The sticking point was whether that belief – that the first data protection principle should be disapplied here – was reasonable. Answer: as regards the decision not to obtain consent, yes, this was reasonable (as I say above, TVP getting up-front consent would have involved it telling mothers of the risk of stillbirth). But as regards transparency and thus fairness, the answer was no. It was unreasonable to believe that those requirements could not be met compatibly with TVP’s journalistic purposes. See paragraph 27:

“Although it was not possible to obtain effective consent, let alone explicit consent, the use of hand held cameras would at least have made every mother aware that they were being filmed and their voices recorded. This would be more demanding of staff time and so more expensive, but it would have prevented the collection and retention of data without a mother being aware that it was taking place….”

TVP had also gone wrong in focusing only on the recorded data it would end up broadcasting, and overlooking the recordings it made that were deleted without being used further. See paragraph 28:

“It is a mistake to concentrate on the data that would be used in Child of Mine without also taking into account the comparatively much larger amount of the data – the overwhelming majority it – that would never be used. This was where Mr Woods’ thinking went wrong, because he did not realise that he was processing data that would not be used. He saw that data as incidental. He was right that it was incidental to his project, but it was not incidental to the Data Protection Act.”

So the ICO was right to find that there was a serious contravention, and it was entitled to issue a MPN. But Judge Jacobs slashed the penalty from £120k to £20k. Note that, having considered TVP’s case before the Tribunal, the ICO itself supported a significant reduction along these lines.

If you want the checklist of considerations that got Judge Jacobs there, see paragraph 33. Those include: non-deliberate breach (though ignorance of data protection did not reflect well on TVP), a general approach that focused on privacy rights, and the fact that “the sort of breach involved in this case does not justify putting a company out of business”. Note as regards financial impact of the MPN: focus on the controller (TVP) not the individual owner who earned his living through it; “generally speaking the impact of a penalty should be judged on the company’s current financial position”.

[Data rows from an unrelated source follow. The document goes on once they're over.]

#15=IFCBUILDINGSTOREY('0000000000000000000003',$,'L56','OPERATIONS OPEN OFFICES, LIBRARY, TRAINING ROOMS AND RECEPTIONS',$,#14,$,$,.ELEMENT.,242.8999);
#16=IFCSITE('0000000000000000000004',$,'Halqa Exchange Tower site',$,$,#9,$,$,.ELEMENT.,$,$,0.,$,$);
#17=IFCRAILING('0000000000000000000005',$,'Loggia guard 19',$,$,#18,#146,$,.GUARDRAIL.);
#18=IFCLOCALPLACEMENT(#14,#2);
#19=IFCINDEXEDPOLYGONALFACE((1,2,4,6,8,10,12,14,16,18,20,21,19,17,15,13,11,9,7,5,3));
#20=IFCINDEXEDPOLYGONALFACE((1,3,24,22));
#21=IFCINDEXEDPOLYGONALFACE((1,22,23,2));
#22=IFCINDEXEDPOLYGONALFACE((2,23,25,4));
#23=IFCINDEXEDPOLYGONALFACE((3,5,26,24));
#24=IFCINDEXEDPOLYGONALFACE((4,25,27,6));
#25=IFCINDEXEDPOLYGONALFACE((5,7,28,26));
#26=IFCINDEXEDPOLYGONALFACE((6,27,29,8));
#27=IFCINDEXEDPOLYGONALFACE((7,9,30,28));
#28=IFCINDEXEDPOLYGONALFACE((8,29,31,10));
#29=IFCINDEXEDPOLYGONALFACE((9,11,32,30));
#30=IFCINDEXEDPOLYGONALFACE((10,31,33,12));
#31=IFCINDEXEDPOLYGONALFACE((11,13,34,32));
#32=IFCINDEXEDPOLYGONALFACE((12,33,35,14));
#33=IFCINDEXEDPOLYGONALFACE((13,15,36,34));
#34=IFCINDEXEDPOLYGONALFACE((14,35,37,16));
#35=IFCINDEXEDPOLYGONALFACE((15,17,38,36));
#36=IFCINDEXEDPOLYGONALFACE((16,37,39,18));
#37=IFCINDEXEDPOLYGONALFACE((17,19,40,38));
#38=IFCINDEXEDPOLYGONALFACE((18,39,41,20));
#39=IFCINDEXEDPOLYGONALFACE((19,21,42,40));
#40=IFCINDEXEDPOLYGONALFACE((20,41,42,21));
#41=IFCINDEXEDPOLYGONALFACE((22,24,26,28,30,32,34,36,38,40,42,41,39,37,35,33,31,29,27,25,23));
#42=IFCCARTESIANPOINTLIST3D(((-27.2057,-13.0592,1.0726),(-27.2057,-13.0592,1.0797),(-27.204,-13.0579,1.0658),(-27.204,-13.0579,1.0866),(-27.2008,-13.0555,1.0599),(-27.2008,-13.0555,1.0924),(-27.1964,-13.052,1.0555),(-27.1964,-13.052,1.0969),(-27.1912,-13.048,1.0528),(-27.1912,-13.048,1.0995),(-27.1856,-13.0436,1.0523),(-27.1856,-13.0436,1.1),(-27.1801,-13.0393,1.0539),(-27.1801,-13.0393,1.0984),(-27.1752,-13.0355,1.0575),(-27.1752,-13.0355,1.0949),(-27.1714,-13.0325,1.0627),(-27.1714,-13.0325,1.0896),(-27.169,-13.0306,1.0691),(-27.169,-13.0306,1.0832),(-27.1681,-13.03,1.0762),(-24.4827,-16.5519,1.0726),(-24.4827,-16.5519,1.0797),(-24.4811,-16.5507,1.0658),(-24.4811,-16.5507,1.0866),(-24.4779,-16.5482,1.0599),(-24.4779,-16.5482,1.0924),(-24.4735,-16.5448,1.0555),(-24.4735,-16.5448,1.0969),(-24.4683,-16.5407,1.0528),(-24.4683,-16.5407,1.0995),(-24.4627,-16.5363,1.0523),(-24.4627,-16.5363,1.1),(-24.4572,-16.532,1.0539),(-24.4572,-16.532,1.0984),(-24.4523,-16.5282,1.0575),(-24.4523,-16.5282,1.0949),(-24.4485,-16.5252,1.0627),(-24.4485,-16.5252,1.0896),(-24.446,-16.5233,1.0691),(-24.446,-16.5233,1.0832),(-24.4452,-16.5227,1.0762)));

Finally, given that this was novel stuff – journalistic exemption in a MPN context – the ICO invited Judge Jacobs to give some guidance. But Judge Jacobs famously hates this sort of thing. See paragraph 34:

“Mr Knight told me that ‘this appeal is an unusual one, and of course the Commissioner will welcome any guidance that the Tribunal gives as to the approach to section 32 in your decision.’ She will, I fear, be disappointed. I have said repeatedly in the Upper Tribunal that decisions of the First-tier Tribunal do not bind that tribunal or the Commissioner; the decisions are binding only on the parties to a particular case. I am not going to commit the error of disregarding my own decisions…”

One imagines the ICO – and Mr Knight – already understood that, and was asking Judge Jacobs for helpful soft guidance rather than to make radiate pronouncements out across the data protection landscape. But there you go.

And yes, that is the Mr Knight, Panopticon supremo.